Last Updated: Friday - 09/24/2010
Week of June 4, 2007
Franciscan's simple vows bode well for the order's future
Young friars attract similar-aged applicants
By BILL GLEN
"A younger community life attracts them (young friars) to the order,"
- Bro. Gerry Clyne
At Clement House, the men intentionally do things together like taking meals or doing fun activities. They work and pray together.
Clyne says he has travelled Western Canada from Winnipeg west, just as he did before. Yet, something is bringing the young men into the community.
At the celebration, Father Robert Mokry, Franciscan provincial, said, "For Billy, Dwayne and Pierre, today is a new beginning - one of many new starts in their lives and one of the many new responses to the Spirit which has led them, so far, to grace and witness to Christ. God willing, it will bring them to a time when they will be able to make a commitment in freedom and full understanding to live the vowed Franciscan life forever."
Ducharme told the WCR that the day was a long time coming. "I have been able to look inward and think about what this all really means. It's a process.
"There is a sense of comfort with myself and in my identity as a Franciscan. There is a sense of excitement about future ministry. I'm really relishing being a friar right now."
Fernandez enjoys being part of the order's rich tradition of selfless service.
"It's great to be part of the 800-year tradition of the Franciscans, to walk in the footsteps of everyone before me," he said. "I think we show the world a Church that is compassionate, caring and available. With this new beginning as a friar, I am very much looking forward to working in the local Church."
Isenor described his journey as a Franciscan as "incredible" and that taking the first vows was exciting.
"Through our lives, we hope it translates to the world how it can live. I think Francis was about relationships and he saw the Gospel in his relationship with Jesus, in seeing the world is one gift. The world is meant to be in one relationship."
Isenor's journey is done in step with his fellow Franciscans.
"We don't do it alone. This step today is a step of committing ourselves to our brothers in this life.
"It's through the hard times where this life really calls you out of yourself."
Ducharme says he feels a call to the priesthood, but to the Franciscan life in general. At times when things become dark for him, he summons his love for his brothers to keep going.
"It is something that has grown over many years and I have slowly grown very comfortable with it. Today marks another step in a life-long journey. This is something I want to do.

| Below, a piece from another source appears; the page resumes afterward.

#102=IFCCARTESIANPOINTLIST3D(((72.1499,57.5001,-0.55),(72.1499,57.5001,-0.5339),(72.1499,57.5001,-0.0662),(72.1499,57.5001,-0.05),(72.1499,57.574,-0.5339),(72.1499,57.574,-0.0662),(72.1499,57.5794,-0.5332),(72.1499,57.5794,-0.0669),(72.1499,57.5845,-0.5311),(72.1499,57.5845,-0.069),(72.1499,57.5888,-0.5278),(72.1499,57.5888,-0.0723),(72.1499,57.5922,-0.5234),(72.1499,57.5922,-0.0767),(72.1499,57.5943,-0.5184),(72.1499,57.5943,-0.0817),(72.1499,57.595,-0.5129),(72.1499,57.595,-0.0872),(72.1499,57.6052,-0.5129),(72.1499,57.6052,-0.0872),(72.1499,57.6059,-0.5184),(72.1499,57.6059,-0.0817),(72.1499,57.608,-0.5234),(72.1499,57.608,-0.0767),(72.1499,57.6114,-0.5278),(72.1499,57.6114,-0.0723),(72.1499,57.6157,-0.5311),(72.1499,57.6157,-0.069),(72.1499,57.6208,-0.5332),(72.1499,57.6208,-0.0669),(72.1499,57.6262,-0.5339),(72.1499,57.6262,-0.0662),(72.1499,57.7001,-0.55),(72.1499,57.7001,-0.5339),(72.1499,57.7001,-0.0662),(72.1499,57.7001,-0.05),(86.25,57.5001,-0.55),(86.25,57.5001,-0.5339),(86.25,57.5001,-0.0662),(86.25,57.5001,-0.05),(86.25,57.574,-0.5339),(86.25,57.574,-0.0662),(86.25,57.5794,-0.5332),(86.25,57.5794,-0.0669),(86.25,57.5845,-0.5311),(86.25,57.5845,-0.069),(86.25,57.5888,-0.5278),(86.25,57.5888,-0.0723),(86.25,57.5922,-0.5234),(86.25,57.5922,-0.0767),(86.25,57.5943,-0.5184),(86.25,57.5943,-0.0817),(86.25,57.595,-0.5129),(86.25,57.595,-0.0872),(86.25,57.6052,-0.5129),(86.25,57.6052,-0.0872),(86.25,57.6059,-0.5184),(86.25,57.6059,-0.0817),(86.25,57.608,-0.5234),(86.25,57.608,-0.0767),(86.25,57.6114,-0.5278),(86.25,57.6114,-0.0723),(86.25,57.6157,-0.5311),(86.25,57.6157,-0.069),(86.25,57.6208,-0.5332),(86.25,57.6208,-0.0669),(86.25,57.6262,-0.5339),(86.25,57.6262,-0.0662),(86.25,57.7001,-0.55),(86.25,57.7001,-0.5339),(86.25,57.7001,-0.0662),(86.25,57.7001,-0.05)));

"For those of us in formation, we are quite a tight-knit bunch. From the start, there has been a sense that we are in this together."
Originally from Coquitlam B.C., Pierre Ducharme, 30, is the ninth of 11 children.
Following high school, he worked and travelled. At 22, Ducharme began studies at Corpus Christi College in Vancouver, and completed a bachelor of arts from UBC in 2004.
He moved to Edmonton to study theology and met the Franciscans of Western Canada. Ducharme was invited to dinner and the Franciscans slowly convinced him that religious life was the vocation suited for him.
After two years of theological studies on his own, Ducharme entered the Franciscan postulancy program in Edmonton.
Born in Bombay, India, Dwayne Fernandez, 38, has worked in Atlanta and Wilmington, Del. helping people suffering with HIV/AIDS. He has also worked as a chaplain at the Cross Cancer Institute in Edmonton.
"I am hoping to work with people who have cancer and AIDS. That is a possibility. I would like to work with the Indian Catholic communities in Edmonton and Calgary to bring spirituality that is typical to their needs and requirements."
Fernandez definitely sees the priesthood in his future, perhaps three or four years down the road. He would also like to teach at Newman Theological College.
Billy Isenor was born in Penticton, B.C. For most of his adult life, Isenor worked as a chef in many esteemed restaurants and conference centres, including a stint at the Shaw Conference Centre as a demi chef de partie.
Isenor, 30, entered the seminary for the Nelson Diocese three years ago, but did not feel a call to ordained diocesan ministry. He felt more of a desire to live the Gospel life in fraternity with the Franciscans.